Adapun pelaku bom di Mapolrestabes Surabaya pada Senin, 14 Mei 2018, dilakukan oleh pasutri Tri Murtiono (50) dan Tri Ernawati (43). Ia mengajak tiga anaknya, Muhamad Daffa Amin (19), MDS (15) dan AAP (8). Dari kejadian itu, hanya AAP yang selamat karena terpental setelah ledakan pertama. Ia kini dirawat di rumah sakit.
Ketua DPR Bambang Soesatyo saat mengunjungi anak pelaku pengeboman Polrestabes Surabaya, Senin (14/5/2018).

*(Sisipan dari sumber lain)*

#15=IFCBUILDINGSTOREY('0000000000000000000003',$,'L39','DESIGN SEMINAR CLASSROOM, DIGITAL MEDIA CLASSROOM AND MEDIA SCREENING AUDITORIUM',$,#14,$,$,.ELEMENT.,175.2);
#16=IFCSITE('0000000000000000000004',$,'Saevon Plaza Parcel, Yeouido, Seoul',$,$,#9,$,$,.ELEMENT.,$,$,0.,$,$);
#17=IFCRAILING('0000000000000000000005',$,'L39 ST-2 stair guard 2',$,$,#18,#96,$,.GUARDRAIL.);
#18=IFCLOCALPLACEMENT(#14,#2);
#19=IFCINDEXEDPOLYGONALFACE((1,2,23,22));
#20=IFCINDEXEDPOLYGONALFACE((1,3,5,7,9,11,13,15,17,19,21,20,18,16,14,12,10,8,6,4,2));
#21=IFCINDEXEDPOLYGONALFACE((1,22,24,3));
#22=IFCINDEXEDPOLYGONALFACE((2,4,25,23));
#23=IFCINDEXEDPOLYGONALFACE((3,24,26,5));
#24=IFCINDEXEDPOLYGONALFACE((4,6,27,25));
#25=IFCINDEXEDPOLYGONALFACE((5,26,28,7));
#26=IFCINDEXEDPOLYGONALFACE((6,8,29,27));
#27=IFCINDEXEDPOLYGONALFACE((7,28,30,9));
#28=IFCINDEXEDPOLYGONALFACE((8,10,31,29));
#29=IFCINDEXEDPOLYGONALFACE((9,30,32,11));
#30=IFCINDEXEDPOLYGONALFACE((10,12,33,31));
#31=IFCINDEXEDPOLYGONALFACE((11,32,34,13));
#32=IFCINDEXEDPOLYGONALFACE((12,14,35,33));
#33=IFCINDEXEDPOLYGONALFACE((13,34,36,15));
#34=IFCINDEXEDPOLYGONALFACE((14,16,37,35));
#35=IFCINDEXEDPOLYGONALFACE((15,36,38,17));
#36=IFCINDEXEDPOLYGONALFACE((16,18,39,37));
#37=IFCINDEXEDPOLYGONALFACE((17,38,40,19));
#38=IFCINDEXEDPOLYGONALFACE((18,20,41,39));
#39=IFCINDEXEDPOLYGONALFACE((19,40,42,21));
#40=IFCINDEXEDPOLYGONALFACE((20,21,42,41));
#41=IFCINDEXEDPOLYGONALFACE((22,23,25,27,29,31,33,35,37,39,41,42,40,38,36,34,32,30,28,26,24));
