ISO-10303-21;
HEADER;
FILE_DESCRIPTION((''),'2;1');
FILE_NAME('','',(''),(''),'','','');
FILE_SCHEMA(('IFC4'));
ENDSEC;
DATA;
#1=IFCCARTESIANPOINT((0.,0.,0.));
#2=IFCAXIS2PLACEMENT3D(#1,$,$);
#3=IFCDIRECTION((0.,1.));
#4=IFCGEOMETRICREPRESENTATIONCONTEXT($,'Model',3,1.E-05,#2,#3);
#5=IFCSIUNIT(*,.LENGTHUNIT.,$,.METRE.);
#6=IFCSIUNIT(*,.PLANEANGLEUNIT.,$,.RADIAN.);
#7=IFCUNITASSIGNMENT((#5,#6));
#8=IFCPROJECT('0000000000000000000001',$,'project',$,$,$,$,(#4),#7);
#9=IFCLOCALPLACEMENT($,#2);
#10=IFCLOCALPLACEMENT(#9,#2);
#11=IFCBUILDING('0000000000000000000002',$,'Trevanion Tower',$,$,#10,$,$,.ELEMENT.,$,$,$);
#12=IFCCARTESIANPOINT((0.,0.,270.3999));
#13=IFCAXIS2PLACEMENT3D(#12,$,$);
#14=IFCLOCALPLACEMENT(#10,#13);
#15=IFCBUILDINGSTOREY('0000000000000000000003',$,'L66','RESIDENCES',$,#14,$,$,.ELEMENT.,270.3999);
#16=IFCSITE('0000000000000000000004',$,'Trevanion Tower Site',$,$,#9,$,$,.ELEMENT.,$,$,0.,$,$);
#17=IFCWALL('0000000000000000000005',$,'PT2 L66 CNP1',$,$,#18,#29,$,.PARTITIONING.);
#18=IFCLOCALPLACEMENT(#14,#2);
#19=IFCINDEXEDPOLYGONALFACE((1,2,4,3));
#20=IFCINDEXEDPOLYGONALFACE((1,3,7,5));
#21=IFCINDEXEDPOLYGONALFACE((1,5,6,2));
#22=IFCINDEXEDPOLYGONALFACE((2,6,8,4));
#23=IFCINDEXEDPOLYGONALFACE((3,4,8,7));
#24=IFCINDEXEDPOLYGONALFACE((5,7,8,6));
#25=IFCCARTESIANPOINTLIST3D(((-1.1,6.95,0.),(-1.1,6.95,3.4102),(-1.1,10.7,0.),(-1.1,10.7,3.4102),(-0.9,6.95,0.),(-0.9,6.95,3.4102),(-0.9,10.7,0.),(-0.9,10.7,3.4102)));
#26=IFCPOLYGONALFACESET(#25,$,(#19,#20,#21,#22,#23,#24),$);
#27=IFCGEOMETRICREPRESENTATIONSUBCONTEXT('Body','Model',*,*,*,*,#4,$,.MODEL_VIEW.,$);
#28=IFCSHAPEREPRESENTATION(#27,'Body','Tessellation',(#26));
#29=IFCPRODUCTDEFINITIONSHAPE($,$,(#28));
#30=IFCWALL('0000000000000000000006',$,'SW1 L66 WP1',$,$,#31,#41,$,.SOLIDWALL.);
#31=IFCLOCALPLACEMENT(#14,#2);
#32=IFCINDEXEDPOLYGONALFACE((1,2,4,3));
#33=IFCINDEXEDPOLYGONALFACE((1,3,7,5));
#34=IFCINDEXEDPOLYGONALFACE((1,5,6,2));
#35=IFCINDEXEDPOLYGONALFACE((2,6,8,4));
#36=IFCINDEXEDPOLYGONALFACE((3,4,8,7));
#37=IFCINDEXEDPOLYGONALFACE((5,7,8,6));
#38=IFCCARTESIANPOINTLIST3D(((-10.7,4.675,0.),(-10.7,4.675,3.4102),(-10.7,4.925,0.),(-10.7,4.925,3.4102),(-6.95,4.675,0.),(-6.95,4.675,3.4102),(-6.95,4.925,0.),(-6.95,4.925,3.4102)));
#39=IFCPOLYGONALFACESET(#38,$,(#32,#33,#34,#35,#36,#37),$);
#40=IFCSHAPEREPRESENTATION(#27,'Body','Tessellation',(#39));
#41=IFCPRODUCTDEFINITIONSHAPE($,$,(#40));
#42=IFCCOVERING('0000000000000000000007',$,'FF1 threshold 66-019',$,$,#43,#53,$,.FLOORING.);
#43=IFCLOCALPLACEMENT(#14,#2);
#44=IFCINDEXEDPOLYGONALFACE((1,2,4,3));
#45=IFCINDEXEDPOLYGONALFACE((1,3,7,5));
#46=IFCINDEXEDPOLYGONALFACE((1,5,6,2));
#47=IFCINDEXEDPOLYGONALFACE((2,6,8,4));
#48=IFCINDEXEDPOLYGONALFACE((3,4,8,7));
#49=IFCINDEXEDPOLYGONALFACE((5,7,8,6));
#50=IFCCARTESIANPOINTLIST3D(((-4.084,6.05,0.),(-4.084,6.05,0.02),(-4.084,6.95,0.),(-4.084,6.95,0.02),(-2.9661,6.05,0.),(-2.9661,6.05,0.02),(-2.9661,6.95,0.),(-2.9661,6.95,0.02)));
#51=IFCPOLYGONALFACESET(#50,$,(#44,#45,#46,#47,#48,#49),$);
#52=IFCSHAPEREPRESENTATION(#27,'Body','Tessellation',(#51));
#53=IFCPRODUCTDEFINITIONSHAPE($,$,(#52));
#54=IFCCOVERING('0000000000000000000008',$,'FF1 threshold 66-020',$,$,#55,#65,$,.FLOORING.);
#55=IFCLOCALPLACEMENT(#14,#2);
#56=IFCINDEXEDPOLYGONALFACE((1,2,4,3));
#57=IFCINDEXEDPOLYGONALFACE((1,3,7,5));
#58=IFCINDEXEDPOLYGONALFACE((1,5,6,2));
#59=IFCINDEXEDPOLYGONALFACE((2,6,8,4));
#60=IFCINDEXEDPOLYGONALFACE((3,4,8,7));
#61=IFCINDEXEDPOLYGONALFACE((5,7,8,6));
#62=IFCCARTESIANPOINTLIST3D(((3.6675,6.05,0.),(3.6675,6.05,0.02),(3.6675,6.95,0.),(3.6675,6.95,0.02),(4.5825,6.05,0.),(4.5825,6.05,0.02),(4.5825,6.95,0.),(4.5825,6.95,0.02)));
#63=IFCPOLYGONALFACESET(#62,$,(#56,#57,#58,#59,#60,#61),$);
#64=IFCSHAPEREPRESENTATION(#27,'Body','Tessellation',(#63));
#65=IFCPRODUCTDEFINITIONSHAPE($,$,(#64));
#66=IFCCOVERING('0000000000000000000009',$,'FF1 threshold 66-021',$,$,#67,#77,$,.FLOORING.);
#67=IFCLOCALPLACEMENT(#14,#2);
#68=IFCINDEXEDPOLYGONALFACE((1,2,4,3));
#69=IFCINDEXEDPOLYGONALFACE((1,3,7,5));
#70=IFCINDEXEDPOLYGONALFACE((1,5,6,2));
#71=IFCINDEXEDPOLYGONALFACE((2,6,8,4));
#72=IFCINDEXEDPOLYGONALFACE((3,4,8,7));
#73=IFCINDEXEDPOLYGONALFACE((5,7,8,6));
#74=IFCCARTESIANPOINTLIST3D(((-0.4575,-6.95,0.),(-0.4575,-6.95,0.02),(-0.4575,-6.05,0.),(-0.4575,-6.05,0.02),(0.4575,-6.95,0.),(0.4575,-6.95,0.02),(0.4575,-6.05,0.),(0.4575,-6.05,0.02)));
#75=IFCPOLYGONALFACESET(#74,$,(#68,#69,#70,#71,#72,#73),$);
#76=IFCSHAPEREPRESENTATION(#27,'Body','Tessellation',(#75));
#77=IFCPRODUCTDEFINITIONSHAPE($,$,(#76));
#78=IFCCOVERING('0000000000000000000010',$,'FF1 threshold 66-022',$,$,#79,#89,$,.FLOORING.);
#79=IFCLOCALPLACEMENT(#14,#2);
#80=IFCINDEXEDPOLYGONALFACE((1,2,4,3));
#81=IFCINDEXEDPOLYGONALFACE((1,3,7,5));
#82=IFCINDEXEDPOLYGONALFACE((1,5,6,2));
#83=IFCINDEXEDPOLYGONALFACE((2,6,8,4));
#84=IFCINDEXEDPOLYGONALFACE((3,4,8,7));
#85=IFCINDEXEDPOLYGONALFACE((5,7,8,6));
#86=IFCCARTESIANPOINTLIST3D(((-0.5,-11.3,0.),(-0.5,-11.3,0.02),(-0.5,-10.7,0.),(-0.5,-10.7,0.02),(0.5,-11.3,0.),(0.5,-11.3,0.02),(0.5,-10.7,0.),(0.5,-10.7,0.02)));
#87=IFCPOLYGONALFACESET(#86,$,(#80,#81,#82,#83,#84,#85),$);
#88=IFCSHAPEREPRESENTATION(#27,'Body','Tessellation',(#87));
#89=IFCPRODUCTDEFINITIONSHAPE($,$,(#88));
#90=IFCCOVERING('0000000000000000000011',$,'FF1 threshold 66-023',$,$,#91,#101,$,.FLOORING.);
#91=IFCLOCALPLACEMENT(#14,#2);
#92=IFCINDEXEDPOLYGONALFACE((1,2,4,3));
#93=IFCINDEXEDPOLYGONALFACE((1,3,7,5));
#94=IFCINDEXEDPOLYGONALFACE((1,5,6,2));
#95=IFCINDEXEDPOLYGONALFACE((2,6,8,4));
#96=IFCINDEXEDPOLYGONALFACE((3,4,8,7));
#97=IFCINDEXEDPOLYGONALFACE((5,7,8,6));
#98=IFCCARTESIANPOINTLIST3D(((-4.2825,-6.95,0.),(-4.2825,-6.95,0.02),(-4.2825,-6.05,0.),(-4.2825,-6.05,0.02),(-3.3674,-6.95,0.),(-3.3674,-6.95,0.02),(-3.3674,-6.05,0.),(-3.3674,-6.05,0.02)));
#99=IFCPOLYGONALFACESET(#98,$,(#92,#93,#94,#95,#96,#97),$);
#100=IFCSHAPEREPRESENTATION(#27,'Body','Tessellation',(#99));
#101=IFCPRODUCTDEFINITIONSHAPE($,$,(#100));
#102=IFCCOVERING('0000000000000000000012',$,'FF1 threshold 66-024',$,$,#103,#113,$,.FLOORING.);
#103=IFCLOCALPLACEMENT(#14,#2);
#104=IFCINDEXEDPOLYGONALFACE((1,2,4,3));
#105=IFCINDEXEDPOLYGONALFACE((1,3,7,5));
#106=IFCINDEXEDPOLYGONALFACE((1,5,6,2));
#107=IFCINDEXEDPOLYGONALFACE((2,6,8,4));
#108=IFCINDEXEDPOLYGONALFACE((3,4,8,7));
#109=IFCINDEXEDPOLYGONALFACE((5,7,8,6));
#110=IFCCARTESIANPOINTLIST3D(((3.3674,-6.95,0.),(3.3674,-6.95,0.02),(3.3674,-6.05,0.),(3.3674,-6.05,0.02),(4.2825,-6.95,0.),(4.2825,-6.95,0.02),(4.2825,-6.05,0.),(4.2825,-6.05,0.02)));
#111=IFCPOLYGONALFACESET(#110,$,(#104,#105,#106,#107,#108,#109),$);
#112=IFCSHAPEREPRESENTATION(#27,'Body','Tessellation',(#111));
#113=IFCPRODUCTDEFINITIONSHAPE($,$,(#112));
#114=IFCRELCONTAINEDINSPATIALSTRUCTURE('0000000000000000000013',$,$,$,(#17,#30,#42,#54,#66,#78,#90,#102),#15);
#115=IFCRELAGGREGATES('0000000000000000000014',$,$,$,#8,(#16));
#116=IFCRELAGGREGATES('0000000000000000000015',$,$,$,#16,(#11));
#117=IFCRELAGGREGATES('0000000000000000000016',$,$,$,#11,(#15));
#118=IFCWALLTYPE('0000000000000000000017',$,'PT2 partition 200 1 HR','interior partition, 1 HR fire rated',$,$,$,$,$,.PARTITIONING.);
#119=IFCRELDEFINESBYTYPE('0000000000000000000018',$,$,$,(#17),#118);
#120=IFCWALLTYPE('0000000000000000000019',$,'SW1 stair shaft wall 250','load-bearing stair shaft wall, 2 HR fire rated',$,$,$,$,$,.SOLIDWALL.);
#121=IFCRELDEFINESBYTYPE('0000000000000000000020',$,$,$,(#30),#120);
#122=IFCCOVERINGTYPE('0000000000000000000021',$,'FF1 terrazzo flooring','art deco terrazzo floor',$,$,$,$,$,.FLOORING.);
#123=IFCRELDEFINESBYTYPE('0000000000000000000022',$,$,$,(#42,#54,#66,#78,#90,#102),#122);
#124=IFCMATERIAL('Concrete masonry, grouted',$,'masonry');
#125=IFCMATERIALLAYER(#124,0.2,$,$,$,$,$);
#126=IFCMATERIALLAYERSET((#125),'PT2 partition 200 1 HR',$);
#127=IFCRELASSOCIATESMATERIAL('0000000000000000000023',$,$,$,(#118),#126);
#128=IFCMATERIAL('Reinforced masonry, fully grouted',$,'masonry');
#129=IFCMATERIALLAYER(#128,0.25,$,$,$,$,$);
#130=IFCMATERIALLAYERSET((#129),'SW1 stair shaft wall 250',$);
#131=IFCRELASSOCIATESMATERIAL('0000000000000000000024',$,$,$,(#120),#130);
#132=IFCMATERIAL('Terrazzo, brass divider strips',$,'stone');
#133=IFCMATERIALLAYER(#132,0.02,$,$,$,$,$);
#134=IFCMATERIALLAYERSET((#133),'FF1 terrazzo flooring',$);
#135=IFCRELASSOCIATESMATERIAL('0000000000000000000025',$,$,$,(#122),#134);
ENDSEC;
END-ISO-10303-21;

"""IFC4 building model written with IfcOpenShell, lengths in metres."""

from ifc_helpers import new_model, si_unit, direction, frame, frame_2d, origin, place, context, subcontext, project, spatial, polyline, rectangle, outline, extrude, material, layer, layer_set, type_object, element, save


model = new_model("IFC4")

# Units and contexts
model_context = context("Model", 3, precision=1e-05, world=origin(), true_north=direction((0.0, 1.0)))
body_context = subcontext(model_context, "Body", "Model", "MODEL_VIEW")
ifc_project = project(units=[si_unit("LENGTHUNIT", "METRE"), si_unit("PLANEANGLEUNIT", "RADIAN")], contexts=[model_context])

# Site, building, storey
site_placement = place(None, origin())
site = spatial("IfcSite", under=ifc_project, at=site_placement, Name="Trevanion Tower Site", CompositionType="ELEMENT", RefElevation=0.0)
building_placement = place(site_placement, origin())
building = spatial("IfcBuilding", under=site, at=building_placement, Name="Trevanion Tower", CompositionType="ELEMENT")
storey_placement = place(building_placement, frame((0.0, 0.0, 270.3999)))
storey = spatial("IfcBuildingStorey", under=building, at=storey_placement, Name="L66", Description="RESIDENCES", CompositionType="ELEMENT", Elevation=270.3999)

# Shared definitions
ifc_material_1 = material(Name="Concrete masonry, grouted", Category="masonry")
ifc_layer_1 = layer(ifc_material_1, 0.2)
ifc_layer_set_1 = layer_set([ifc_layer_1], Name="PT2 partition 200 1 HR")
wall_type_1 = type_object("IfcWallType", Name="PT2 partition 200 1 HR", Description="interior partition, 1 HR fire rated", PredefinedType="PARTITIONING", material=ifc_layer_set_1)

# Walls
wall_1_placement = place(storey_placement, frame((-1.0, 6.95, 0.0), z_axis=(0.0, 0.0, 1.0), x_axis=(0.0, 1.0, 0.0)))
element("IfcWall", 1, at=wall_1_placement, inside=storey, type_object=wall_type_1, Name="PT2 L66 CNP1", PredefinedType="PARTITIONING", context=body_context, shape_type="SweptSolid", body=[
    extrude(rectangle(XDim=3.75, YDim=0.2, at=frame_2d((1.875, 0.0))), origin(), (0.0, 0.0, 1.0), 3.4102),
])
ifc_material_2 = material(Name="Reinforced masonry, fully grouted", Category="masonry")
ifc_layer_2 = layer(ifc_material_2, 0.25)
ifc_layer_set_2 = layer_set([ifc_layer_2], Name="SW1 stair shaft wall 250")
wall_type_2 = type_object("IfcWallType", Name="SW1 stair shaft wall 250", Description="load-bearing stair shaft wall, 2 HR fire rated", PredefinedType="SOLIDWALL", material=ifc_layer_set_2)
wall_2_placement = place(storey_placement, frame((-6.95, 4.8, 0.0), z_axis=(0.0, 0.0, 1.0), x_axis=(-1.0, 0.0, 0.0)))
element("IfcWall", 2, at=wall_2_placement, inside=storey, type_object=wall_type_2, Name="SW1 L66 WP1", PredefinedType="SOLIDWALL", context=body_context, shape_type="SweptSolid", body=[
    extrude(rectangle(XDim=3.75, YDim=0.25, at=frame_2d((1.875, 0.0))), origin(), (0.0, 0.0, 1.0), 3.4102),
])

# Coverings
ifc_material_3 = material(Name="Terrazzo, brass divider strips", Category="stone")
ifc_layer_3 = layer(ifc_material_3, 0.02)
ifc_layer_set_3 = layer_set([ifc_layer_3], Name="FF1 terrazzo flooring")
covering_type = type_object("IfcCoveringType", Name="FF1 terrazzo flooring", Description="art deco terrazzo floor", PredefinedType="FLOORING", material=ifc_layer_set_3)
covering_1_placement = place(storey_placement, origin())
element("IfcCovering", 3, at=covering_1_placement, inside=storey, type_object=covering_type, Name="FF1 threshold 66-019", PredefinedType="FLOORING", context=body_context, shape_type="SweptSolid", body=[
    extrude(outline(polyline([(-2.9661, 6.95), (-4.084, 6.95), (-4.084, 6.05), (-2.9661, 6.05), (-2.9661, 6.95)])), origin(), (0.0, 0.0, 1.0), 0.02),
])
covering_2_placement = place(storey_placement, origin())
element("IfcCovering", 4, at=covering_2_placement, inside=storey, type_object=covering_type, Name="FF1 threshold 66-020", PredefinedType="FLOORING", context=body_context, shape_type="SweptSolid", body=[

Kepala Kepolisian Daerah Jawa Timur, Irjen Pol Machfud Arifin, mengatakan, dari kejadian di Surabaya dan Sidoarjo, ada empat anak terduga yang selamat, yakni tiga anak dari Anton terduga di Sidoarjo dan AAP, anak dari bomber Mapolerstabes Surabaya.
"Dua anak pelaku yang di Sidoarjo sudah bisa diajak bicara, sementara anaknya yang paling besar tidak terjadi apa-apa karena memang tinggal dengan neneknya. Untuk anak kecil selamat di Polrestabes, tadi malam sudah dilakukan penanganan medis dan sekarang masih dalam pengaruh obat bius," kata Machfud di Markas Polda Jatim di Surabaya pada Selasa, 15 Mei 2018.
Berdasarkan keterangan dua anak Anton yang terluka, selama ini mereka tidak diperbolehkan oleh kedua orangtuanya untuk bersekolah di luar. Kepada tetangga dan orang luar, mereka diminta mengaku belajar dengan cara homeschooling.
"Padahal bukan homeschooling, tapi dikungkung di rumah dan didoktrin oleh orangtuanya, ditontonkan video-video radikal," ujar Machfud.
Setiap pekan, terang Machfud, mereka diajak orangtuanya untuk mengikuti semacam acara keagamaan di komunitas mereka di kawasan Kecamatan Rungkut. Nah, di kegiatan itulah terduga bomber Surabaya dan Sidoarjo biasa bertemu.
"Di pengajian itu mereka bertemu. Satu perguruan istilahnya," katanya. (ase)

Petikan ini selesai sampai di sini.